In 1973, during the Chilean coup, the folk artist Victor Jara was taken prisoner, and along with thousands of others, brought to the Chilean stadium where the military tortured and killed a large number of people. The guards shattered the bones in Victor’s hands with blunt instruments, then asked him to play them some songs. One year later, in 1974, the Top of the Pops refused to allow Robert Wyatt to perform his cover of the Monkees hit “I’m A Believer,” while seated in his wheelchair. The producer felt the wheelchair was “not suitable for family viewing.” These two events happened within the span of a single year.
The term “crash blossoms” was discussed in last week’s On Language column, by Ben Zimmer. The term, coined by writer Dan Bloom, refers to headlines whose meaning changes when the words therein are read as nouns or verbs, or vice versa. This is a function of headlines brevity, and lack of prepositions. “Ambiguous words often lead to ludicrous and puzzling headline statements,” Grant Milnor Hyde wrote in his 1915 manual, “Newspaper Editing.” Read the article for funny examples. This notion of miscommunication in headlines is humorous and behind the curve.

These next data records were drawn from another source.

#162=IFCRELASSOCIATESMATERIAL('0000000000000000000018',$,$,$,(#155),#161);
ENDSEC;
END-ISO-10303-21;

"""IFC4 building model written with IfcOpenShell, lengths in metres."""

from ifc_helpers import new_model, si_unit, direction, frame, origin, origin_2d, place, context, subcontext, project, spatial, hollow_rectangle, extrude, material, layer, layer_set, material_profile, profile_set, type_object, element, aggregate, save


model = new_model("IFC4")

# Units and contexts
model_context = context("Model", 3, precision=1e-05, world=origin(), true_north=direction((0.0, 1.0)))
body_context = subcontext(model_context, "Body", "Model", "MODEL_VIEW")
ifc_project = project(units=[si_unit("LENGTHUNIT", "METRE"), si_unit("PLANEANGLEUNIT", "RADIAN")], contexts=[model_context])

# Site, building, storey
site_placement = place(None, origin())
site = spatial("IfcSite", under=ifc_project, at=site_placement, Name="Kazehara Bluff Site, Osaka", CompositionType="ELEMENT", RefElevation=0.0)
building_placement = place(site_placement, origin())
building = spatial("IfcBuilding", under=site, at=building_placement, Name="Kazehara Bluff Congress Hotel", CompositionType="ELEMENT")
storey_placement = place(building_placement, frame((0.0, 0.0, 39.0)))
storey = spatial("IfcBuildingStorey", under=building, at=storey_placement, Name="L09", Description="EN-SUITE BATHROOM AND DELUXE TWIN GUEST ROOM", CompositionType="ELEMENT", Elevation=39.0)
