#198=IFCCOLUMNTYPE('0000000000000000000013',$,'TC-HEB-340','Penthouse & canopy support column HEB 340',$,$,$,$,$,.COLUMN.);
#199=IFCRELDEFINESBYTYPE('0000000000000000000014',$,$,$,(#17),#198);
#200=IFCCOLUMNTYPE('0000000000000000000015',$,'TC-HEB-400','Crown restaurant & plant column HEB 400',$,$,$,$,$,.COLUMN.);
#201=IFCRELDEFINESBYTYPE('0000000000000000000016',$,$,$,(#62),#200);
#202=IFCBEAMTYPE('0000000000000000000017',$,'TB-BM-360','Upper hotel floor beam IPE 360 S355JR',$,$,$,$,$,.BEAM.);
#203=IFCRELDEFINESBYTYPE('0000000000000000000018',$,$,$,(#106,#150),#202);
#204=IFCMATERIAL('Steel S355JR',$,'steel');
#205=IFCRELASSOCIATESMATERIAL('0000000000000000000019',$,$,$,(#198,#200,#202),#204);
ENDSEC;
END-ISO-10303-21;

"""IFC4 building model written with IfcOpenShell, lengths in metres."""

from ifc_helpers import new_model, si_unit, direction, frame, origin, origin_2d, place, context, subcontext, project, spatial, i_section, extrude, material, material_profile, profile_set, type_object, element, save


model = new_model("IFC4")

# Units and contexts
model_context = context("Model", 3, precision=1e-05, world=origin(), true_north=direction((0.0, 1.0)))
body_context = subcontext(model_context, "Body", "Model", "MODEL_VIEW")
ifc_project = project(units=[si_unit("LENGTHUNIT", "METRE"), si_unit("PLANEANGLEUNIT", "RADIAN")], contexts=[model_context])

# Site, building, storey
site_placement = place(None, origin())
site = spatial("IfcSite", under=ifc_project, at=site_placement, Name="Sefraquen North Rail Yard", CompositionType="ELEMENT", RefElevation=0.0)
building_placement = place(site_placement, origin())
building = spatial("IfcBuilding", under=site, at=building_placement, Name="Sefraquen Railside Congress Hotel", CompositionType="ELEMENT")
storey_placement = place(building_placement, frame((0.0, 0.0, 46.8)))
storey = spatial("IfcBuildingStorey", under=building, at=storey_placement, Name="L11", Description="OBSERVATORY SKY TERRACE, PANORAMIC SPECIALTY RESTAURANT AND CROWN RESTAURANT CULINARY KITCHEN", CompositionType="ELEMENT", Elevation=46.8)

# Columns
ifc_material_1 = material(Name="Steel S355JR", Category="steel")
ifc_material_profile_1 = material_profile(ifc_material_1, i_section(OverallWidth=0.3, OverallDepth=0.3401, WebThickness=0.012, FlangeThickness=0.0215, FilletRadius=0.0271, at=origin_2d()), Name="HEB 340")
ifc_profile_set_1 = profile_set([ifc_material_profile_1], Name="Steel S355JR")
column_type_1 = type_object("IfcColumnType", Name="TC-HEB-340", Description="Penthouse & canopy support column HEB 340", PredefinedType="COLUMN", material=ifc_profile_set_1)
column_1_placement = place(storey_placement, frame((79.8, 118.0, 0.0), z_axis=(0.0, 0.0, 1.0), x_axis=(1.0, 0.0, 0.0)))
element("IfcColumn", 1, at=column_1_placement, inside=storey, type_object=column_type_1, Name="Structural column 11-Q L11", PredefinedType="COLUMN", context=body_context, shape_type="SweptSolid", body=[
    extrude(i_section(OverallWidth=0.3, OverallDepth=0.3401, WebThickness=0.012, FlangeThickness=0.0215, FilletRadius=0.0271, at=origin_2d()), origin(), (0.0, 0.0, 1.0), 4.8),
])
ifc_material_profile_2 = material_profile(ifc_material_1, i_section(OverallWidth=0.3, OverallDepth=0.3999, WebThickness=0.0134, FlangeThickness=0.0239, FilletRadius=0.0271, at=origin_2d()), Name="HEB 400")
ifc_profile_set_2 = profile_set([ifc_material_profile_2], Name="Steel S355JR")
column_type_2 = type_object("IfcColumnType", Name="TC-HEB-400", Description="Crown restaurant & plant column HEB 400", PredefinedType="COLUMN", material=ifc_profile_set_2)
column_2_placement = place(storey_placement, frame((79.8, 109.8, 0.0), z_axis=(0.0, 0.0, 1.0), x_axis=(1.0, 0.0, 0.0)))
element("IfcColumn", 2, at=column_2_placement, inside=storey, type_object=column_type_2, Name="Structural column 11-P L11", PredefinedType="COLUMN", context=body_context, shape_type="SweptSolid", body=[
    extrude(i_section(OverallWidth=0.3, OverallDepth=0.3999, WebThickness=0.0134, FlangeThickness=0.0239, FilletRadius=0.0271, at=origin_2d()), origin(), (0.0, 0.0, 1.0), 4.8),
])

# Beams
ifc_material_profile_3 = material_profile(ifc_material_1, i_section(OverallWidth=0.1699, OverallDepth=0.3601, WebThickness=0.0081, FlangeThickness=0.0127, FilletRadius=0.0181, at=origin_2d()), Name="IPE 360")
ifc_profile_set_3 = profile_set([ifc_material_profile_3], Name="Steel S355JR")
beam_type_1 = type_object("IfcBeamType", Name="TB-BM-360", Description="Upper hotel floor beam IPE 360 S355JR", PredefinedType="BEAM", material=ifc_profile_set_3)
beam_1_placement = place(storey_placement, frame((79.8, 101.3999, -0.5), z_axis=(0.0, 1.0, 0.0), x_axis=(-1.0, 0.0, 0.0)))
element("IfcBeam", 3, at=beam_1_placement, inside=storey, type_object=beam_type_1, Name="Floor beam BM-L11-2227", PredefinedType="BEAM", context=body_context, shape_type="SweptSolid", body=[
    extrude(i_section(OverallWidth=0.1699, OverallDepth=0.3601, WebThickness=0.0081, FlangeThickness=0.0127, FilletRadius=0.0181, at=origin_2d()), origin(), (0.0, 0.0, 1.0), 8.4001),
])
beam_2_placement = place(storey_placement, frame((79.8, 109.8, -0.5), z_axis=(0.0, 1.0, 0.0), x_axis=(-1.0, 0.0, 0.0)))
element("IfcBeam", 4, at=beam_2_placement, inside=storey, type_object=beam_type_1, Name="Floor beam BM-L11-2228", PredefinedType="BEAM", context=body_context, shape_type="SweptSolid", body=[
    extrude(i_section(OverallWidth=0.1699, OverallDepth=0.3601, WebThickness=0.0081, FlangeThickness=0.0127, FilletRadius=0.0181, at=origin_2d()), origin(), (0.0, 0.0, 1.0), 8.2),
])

Two girls recognized me coming out of the gym, in the adjacent parking garage. One I knew, the other was her roommate, and as I went to introduce myself with an outstretched hand, the girl who knows me screeched, “Don’t touch him, he’s been on the elliptical machine for hours!” A day or two later, I was walking to my car behind a gaggle of middle school girls, each hauling a pile of bricks in their backpacks. They would stop at each parked car and write a silly message in the dust on the window, and giggle. “Hi :-)” for example. They did this to three cars, taking turns with the message, and then came to mine. I sneaked around the back of the gaggle, out into the street, like I was going to cross, and as they started to write on my window I popped up beaming and boomed, “Hello ladies!” They screamed and fled.
The reason I say crash blossoms are behind the curve is because headlines have existed for hundreds of years. The quote from 1915 proves that crash blossoms have as well. What interests me are the crash blossoms that happen in everyday life in our current abbreviated culture. A text message, blog post, Facebook status update, tweet, or spoken word with alternate meanings. Faced with the web, human beings are becoming ever more analytical. The eyeballs constant tether to technology trades ponderance for expedition.
Artist Andy Goldsworthy studies how rivers and tides interact with his naturally sourced creations to gain a sense of time and place. A similar process occurs when the impermanent sea of information washes over a man made point, or a chain of thought navigates the heady currents of commentary. What is lost and what remains, sure, but moreover what happens to us in the happening. A transmutation from mere passenger to navigator, maybe even captain, on the intercoursing waves of ephemera.
“What I now see, I have never seen
What I feel and what I have felt
Will make the moment spring again.”
Victor Jara could not play his guitar with broken hands. He composed this poem (smuggled out of the stadium in the sole of a friend’s shoe) and defiantly sang the song, “Venceremos” (We Will Win), before the guards tortured, beat and electrocuted him, and then shot him in the head. Two months ago, December 3, 2009, thirty six years after his death, there was finally a proper funeral for Victor Jaras. Thousands of Chileans, including his widow, the President of Chile, artists, fans, and militants, gathered for an enormous procession. They carried his body and sang his songs.
Robert Wyatt won the right to appear on Top of the Pops playing “I’m A Believer”, in his wheelchair. Decades later, he recorded the song, “Lips Service,” as a kind of reply to Billy Joel’s “We Didn’t Start the Fire”: “‘We Didn’t Start The Fire’ worried me, I thought, Oh you smug git – yes you fucking did! If you’re talking about ‘we’ I can talk about ‘you’. I don’t often listen to words, but he was saying, Listen to me, I’ve got something serious to say, and I thought – you’d better have!”